IMF for reducing gas system losses

14 Oct, 2016

The International Monetary Fund (IMF) has recommended to the government to reduce high Unaccounted for Gas (UfG), regularly review gas tariff notification to ensure cost recovery and strengthen the regulatory framework. This was stated in the 12th and final review under the IMF $6.64 billion Extended Fund Facility. The review acknowledges the government's efforts for improving gas supply/demand situation but stressed the need for reducing high gas system losses.
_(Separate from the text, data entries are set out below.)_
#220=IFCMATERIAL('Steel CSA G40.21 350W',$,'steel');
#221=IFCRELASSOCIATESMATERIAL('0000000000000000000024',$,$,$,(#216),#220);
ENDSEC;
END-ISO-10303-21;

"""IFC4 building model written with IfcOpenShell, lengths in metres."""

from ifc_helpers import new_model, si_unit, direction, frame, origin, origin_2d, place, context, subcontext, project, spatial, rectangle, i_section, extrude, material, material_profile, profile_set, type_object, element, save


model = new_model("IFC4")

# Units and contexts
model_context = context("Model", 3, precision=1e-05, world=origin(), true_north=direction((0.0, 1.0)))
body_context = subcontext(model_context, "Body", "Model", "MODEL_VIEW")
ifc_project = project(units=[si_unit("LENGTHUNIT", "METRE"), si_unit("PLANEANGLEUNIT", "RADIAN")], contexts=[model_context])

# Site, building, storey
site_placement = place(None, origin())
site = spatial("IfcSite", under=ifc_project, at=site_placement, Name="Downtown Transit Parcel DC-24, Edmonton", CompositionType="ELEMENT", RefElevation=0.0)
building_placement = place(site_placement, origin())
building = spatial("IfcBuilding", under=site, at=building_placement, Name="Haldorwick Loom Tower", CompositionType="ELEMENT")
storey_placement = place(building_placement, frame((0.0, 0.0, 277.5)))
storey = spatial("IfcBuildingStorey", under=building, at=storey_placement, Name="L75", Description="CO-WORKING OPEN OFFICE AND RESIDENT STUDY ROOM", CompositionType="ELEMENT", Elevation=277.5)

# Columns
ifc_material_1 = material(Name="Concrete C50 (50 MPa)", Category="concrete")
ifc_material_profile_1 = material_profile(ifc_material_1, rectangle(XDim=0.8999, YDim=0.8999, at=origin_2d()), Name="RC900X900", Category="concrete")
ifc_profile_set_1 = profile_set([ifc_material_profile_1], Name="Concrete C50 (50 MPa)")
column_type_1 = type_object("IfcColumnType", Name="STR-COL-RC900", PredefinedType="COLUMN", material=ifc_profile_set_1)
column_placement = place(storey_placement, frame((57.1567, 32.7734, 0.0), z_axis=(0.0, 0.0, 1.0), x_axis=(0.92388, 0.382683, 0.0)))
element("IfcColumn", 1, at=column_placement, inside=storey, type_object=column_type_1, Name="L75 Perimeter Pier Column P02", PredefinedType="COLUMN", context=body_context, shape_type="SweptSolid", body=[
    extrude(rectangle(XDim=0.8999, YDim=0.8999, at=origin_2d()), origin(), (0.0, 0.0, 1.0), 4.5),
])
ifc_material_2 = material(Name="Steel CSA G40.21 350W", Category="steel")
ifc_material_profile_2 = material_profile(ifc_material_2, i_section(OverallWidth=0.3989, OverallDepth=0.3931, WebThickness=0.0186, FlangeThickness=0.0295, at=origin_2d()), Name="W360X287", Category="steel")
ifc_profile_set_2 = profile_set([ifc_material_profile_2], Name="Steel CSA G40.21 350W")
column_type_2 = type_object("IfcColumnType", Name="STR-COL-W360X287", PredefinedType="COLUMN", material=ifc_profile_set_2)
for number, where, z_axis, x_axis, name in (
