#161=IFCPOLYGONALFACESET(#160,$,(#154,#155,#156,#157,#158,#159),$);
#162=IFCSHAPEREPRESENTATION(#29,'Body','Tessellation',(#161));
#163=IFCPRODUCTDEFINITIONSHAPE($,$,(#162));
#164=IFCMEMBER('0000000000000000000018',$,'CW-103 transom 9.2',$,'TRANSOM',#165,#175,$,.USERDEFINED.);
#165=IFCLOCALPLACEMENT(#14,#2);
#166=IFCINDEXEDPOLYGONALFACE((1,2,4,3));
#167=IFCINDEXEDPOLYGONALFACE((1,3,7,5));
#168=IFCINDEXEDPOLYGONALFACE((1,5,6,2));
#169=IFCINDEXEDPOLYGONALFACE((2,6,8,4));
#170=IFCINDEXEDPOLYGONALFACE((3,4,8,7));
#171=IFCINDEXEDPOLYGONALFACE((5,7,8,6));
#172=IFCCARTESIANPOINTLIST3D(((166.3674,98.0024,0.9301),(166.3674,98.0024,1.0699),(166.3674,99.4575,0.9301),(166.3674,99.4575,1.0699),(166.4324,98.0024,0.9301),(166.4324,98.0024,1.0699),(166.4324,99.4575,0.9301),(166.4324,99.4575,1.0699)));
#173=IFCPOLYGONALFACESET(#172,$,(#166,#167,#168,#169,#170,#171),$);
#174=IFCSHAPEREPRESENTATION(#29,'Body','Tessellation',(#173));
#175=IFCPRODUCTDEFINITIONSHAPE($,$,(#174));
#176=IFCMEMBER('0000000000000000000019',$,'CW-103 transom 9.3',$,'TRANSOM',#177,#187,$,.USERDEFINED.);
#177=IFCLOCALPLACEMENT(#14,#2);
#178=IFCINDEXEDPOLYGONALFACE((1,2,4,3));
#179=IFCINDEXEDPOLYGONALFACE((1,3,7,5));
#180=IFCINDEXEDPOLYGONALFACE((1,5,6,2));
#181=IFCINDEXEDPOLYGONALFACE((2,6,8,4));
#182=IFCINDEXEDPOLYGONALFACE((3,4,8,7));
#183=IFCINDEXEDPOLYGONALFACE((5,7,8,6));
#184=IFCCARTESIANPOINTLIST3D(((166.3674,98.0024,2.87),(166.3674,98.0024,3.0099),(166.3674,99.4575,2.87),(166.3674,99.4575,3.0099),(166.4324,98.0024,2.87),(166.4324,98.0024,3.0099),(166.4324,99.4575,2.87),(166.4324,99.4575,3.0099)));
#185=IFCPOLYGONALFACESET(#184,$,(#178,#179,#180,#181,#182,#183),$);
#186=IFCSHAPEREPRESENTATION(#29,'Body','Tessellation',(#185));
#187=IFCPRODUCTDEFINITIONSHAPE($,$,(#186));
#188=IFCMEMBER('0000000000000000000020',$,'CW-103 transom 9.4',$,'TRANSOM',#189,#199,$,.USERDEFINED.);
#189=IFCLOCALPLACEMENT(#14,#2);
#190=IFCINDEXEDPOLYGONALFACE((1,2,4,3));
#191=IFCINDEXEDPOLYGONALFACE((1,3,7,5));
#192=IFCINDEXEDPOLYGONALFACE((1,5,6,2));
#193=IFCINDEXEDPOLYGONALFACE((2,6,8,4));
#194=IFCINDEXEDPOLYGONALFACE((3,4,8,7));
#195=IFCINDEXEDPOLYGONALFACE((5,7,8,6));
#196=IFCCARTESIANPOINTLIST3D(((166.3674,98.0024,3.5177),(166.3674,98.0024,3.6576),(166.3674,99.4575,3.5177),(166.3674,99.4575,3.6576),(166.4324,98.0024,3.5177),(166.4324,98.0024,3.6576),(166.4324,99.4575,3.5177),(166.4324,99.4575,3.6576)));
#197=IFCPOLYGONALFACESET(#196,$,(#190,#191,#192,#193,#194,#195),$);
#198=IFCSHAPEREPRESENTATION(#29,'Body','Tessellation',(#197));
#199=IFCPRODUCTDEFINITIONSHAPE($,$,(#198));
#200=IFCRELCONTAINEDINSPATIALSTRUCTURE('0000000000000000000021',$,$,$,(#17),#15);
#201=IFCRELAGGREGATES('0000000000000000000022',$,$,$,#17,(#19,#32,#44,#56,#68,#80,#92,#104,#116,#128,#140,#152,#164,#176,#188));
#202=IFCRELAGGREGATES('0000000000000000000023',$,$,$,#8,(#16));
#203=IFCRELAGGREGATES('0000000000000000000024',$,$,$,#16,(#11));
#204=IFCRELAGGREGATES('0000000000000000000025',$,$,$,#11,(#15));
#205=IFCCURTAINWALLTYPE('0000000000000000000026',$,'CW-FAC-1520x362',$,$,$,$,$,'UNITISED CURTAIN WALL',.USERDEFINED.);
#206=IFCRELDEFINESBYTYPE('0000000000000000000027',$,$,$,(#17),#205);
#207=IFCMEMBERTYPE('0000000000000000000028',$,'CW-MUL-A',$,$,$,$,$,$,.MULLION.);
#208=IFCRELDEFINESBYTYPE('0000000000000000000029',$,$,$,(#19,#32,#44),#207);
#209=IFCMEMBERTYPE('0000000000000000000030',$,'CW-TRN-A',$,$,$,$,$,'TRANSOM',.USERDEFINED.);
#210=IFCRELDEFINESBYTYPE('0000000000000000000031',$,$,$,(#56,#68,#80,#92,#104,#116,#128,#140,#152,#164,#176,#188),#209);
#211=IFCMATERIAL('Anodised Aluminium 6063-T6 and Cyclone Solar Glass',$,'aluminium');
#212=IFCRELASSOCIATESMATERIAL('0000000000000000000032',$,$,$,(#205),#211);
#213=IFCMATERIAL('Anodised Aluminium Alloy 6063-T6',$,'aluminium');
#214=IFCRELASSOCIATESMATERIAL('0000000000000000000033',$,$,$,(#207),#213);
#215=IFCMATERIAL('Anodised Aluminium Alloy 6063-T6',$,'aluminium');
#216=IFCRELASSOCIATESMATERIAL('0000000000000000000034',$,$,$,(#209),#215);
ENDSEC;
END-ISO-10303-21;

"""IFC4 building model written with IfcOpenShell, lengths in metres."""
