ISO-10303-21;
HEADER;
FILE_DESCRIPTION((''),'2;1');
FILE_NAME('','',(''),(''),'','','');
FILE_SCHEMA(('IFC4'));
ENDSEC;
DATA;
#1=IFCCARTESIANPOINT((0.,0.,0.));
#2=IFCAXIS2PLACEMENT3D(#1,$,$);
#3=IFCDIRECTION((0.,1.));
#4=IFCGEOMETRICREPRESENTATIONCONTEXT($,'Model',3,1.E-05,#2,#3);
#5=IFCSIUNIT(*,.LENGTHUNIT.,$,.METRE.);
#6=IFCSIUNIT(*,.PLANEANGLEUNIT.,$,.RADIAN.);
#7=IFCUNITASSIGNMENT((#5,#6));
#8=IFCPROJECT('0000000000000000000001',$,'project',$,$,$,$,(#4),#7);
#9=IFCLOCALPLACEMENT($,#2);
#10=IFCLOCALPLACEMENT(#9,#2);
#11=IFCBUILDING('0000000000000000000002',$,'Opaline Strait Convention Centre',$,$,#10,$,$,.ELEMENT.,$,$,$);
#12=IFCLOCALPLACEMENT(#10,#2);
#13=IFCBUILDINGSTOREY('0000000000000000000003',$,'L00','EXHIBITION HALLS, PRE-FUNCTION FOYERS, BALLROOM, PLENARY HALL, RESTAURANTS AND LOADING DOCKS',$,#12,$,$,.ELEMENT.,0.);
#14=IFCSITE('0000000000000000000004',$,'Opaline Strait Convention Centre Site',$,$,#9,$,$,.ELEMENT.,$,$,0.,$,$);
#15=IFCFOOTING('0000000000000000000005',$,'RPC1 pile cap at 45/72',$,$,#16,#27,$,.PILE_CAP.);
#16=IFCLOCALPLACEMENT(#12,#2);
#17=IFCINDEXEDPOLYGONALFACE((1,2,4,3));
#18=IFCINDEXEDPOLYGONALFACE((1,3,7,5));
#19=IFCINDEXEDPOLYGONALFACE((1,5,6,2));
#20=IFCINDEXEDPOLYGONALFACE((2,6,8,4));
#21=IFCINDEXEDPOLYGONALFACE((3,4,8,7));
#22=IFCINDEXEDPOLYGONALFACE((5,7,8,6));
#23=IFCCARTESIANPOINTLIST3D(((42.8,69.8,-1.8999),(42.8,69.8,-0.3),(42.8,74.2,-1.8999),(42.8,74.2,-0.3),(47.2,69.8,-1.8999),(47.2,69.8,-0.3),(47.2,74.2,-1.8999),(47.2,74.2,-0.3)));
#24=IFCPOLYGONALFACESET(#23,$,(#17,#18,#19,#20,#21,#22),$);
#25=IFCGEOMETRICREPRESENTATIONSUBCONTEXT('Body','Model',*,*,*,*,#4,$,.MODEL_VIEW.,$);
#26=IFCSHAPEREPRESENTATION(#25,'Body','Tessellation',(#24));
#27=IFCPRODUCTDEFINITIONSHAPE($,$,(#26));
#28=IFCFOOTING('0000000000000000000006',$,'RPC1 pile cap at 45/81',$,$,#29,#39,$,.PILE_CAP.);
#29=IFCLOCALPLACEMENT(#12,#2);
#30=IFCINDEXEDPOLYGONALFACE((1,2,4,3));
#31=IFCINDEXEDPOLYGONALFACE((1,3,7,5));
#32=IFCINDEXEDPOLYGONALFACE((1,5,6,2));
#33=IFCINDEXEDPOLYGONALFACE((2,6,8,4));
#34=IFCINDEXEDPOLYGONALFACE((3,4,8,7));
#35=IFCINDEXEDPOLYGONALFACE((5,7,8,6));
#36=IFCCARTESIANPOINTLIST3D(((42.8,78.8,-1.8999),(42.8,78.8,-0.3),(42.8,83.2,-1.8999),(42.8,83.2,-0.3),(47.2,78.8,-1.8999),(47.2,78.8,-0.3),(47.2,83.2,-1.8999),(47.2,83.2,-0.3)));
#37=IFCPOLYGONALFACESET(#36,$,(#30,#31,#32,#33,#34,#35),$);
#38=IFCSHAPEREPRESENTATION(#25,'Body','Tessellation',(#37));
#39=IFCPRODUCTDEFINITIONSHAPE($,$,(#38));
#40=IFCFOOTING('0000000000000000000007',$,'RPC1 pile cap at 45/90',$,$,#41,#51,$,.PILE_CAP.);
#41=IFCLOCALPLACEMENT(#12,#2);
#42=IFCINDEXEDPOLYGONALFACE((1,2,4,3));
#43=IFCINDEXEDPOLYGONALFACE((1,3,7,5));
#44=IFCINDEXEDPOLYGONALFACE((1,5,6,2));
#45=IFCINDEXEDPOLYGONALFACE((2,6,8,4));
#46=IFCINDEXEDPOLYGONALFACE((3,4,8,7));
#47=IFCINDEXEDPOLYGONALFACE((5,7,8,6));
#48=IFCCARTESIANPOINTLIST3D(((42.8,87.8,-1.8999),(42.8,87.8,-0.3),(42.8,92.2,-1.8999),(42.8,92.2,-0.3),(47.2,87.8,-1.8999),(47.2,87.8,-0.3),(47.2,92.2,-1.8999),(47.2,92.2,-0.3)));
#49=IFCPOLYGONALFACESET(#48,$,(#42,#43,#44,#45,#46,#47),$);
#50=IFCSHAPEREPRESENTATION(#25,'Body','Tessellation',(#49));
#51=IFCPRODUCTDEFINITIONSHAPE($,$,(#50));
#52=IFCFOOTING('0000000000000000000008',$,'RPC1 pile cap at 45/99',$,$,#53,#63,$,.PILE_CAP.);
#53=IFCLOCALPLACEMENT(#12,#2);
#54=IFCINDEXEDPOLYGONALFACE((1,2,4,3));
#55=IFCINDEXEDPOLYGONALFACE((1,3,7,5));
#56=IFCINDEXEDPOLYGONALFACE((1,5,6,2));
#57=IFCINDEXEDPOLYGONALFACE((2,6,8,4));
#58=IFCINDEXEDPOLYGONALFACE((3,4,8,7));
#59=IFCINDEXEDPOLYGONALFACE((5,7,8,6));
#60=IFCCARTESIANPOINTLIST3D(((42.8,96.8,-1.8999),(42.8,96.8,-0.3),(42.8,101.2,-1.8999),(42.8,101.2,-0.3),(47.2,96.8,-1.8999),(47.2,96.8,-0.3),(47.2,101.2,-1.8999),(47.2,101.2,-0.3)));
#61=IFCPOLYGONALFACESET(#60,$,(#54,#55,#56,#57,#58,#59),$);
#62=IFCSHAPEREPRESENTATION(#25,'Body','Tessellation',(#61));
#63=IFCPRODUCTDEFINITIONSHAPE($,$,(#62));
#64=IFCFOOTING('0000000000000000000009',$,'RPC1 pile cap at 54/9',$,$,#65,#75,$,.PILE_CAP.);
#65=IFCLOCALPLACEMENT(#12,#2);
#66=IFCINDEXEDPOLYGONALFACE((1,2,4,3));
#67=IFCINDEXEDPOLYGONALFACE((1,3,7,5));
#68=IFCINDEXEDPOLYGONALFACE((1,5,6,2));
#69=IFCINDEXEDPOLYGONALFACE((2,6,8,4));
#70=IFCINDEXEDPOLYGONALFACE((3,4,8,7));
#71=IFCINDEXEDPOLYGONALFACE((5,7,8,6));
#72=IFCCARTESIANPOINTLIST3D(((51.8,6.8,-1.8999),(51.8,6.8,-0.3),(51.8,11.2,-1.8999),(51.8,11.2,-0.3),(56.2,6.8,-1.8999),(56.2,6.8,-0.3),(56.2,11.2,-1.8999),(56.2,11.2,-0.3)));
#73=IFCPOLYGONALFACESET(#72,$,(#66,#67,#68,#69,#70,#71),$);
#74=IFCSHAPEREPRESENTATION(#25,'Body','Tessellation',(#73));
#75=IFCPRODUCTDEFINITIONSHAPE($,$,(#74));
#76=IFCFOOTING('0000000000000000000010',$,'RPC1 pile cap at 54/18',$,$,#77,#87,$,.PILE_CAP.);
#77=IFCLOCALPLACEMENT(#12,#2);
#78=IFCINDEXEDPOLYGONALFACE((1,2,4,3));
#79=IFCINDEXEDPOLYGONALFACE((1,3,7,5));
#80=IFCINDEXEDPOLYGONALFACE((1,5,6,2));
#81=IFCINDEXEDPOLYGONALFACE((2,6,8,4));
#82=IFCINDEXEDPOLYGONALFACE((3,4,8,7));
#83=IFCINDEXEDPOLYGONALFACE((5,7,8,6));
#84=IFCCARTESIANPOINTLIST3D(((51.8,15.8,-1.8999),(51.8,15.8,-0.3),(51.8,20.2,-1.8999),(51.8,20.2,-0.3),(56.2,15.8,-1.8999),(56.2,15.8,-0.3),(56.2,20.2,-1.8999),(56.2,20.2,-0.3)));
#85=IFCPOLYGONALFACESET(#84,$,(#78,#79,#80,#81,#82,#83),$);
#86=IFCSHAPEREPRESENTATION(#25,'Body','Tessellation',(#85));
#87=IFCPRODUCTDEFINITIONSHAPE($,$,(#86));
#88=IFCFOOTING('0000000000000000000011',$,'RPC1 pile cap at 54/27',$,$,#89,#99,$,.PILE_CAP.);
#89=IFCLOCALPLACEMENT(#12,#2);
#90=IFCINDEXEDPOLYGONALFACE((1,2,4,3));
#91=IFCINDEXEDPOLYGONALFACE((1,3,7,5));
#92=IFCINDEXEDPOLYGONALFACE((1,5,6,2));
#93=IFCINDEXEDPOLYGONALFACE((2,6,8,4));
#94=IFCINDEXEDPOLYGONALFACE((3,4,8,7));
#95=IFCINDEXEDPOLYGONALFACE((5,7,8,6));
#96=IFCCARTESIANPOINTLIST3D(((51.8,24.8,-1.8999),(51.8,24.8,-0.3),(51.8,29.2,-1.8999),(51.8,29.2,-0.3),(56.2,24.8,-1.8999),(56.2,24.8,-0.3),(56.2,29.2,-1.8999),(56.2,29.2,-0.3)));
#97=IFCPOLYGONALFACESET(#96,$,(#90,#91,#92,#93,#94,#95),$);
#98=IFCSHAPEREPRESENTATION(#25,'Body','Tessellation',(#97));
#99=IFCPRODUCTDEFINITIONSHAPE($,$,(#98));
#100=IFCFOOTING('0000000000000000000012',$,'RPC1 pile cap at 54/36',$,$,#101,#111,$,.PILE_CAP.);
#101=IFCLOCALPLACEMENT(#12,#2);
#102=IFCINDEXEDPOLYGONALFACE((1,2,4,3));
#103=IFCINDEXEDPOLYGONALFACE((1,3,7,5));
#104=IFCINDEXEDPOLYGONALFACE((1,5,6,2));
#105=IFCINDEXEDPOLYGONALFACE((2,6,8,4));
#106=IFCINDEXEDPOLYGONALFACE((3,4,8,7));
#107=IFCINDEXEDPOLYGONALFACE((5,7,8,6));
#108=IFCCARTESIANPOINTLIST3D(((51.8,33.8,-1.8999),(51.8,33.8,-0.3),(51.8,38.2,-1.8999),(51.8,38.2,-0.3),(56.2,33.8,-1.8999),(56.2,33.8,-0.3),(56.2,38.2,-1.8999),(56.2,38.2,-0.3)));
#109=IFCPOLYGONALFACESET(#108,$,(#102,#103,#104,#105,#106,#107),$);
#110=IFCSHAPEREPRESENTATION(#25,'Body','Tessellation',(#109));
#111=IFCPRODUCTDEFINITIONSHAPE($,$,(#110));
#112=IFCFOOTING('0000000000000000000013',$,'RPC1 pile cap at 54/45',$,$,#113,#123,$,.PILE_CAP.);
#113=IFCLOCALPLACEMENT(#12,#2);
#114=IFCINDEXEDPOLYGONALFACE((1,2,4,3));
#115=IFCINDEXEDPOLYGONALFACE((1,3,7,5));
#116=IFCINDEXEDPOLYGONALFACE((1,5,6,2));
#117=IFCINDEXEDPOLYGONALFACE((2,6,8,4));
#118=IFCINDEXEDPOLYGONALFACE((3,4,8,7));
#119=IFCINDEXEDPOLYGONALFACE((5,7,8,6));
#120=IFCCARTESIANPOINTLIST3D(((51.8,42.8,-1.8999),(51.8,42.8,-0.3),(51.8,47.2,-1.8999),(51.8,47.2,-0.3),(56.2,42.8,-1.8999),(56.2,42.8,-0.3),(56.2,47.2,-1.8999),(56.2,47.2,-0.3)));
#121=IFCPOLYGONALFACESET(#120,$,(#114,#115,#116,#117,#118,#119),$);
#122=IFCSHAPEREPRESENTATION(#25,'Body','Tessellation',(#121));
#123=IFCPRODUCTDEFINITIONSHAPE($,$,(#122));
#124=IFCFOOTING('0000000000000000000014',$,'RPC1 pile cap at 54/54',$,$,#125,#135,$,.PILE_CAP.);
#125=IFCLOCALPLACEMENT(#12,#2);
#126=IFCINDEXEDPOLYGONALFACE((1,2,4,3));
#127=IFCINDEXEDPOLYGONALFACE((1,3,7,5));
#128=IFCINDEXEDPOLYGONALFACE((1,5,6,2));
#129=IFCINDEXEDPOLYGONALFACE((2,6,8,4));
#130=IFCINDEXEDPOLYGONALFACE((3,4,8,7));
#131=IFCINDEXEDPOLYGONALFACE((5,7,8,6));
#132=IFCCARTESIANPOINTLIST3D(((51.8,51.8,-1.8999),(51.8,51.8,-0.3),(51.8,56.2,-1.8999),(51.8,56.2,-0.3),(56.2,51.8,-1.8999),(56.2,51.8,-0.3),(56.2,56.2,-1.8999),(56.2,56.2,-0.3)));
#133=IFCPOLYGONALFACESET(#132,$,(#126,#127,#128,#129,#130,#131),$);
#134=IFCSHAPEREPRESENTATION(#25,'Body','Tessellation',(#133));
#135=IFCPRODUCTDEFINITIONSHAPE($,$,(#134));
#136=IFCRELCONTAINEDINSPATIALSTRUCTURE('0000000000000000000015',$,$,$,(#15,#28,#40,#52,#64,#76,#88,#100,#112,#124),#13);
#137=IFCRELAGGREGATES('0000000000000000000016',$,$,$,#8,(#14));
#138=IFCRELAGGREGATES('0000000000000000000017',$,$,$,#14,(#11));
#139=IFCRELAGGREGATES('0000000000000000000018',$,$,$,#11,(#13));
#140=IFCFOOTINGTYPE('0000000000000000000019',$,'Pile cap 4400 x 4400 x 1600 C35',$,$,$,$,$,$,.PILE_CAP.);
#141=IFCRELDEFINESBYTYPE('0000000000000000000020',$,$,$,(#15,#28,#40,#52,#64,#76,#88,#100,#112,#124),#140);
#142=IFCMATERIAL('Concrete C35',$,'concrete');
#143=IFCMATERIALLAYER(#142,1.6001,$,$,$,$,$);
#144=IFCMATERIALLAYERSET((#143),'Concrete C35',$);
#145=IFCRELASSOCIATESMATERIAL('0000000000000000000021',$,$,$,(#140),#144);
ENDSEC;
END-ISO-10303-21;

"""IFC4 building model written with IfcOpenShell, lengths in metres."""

from ifc_helpers import new_model, si_unit, direction, frame, origin, place, context, subcontext, project, spatial, polyline, outline, extrude, material, layer, layer_set, type_object, element, save


model = new_model("IFC4")

# Units and contexts
model_context = context("Model", 3, precision=1e-05, world=origin(), true_north=direction((0.0, 1.0)))
body_context = subcontext(model_context, "Body", "Model", "MODEL_VIEW")
ifc_project = project(units=[si_unit("LENGTHUNIT", "METRE"), si_unit("PLANEANGLEUNIT", "RADIAN")], contexts=[model_context])

# Site, building, storey
site_placement = place(None, origin())
site = spatial("IfcSite", under=ifc_project, at=site_placement, Name="Opaline Strait Convention Centre Site", CompositionType="ELEMENT", RefElevation=0.0)
building_placement = place(site_placement, origin())
building = spatial("IfcBuilding", under=site, at=building_placement, Name="Opaline Strait Convention Centre", CompositionType="ELEMENT")
storey_placement = place(building_placement, origin())
storey = spatial("IfcBuildingStorey", under=building, at=storey_placement, Name="L00", Description="EXHIBITION HALLS, PRE-FUNCTION FOYERS, BALLROOM, PLENARY HALL, RESTAURANTS AND LOADING DOCKS", CompositionType="ELEMENT", Elevation=0.0)

# Footings
ifc_material = material(Name="Concrete C35", Category="concrete")
ifc_layer = layer(ifc_material, 1.6001)
ifc_layer_set = layer_set([ifc_layer], Name="Concrete C35")
footing_type = type_object("IfcFootingType", Name="Pile cap 4400 x 4400 x 1600 C35", PredefinedType="PILE_CAP", material=ifc_layer_set)
footing_1_placement = place(storey_placement, frame((0.0, 0.0, -1.8999)))
element("IfcFooting", 1, at=footing_1_placement, inside=storey, type_object=footing_type, Name="RPC1 pile cap at 45/72", PredefinedType="PILE_CAP", context=body_context, shape_type="SweptSolid", body=[
    extrude(outline(polyline([(42.8, 69.8), (47.2, 69.8), (47.2, 74.2), (42.8, 74.2), (42.8, 69.8)])), origin(), (0.0, 0.0, 1.0), 1.5999),
])
footing_2_placement = place(storey_placement, frame((0.0, 0.0, -1.8999)))
element("IfcFooting", 2, at=footing_2_placement, inside=storey, type_object=footing_type, Name="RPC1 pile cap at 45/81", PredefinedType="PILE_CAP", context=body_context, shape_type="SweptSolid", body=[
    extrude(outline(polyline([(42.8, 78.8), (47.2, 78.8), (47.2, 83.2), (42.8, 83.2), (42.8, 78.8)])), origin(), (0.0, 0.0, 1.0), 1.5999),
])
footing_3_placement = place(storey_placement, frame((0.0, 0.0, -1.8999)))
element("IfcFooting", 3, at=footing_3_placement, inside=storey, type_object=footing_type, Name="RPC1 pile cap at 45/90", PredefinedType="PILE_CAP", context=body_context, shape_type="SweptSolid", body=[
    extrude(outline(polyline([(42.8, 87.8), (47.2, 87.8), (47.2, 92.2), (42.8, 92.2), (42.8, 87.8)])), origin(), (0.0, 0.0, 1.0), 1.5999),
])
According to the review "gas shortages were reduced through supply and demand measures. Supply was increased through better incentives to domestic producers and Liquefied Natural Gas (LNG) imports, tariffs were rationalised to bring them closer to cost recovery and strengthen demand management, the regulatory framework was improved, and legislation to tackle gas theft was strengthened....(but) efforts are needed to address the still high gas system losses." The government committed to finalise the delayed notification of the FY 2016/17 gas tariff by October 2016 and resume regular gas notification moving forward. The Fund appreciated the government's strategy to further reduce gas shortages by stepping up LNG imports while continuing to fully pass through the price of imported LNG to consumers. The final review stressed that continuing efforts to reduce still high distribution losses, including by strengthening network infrastructure and tackling gas theft, is needed to improve the sector performance and welcomed the government's plan to move ahead with restructuring and unbundling the gas sector.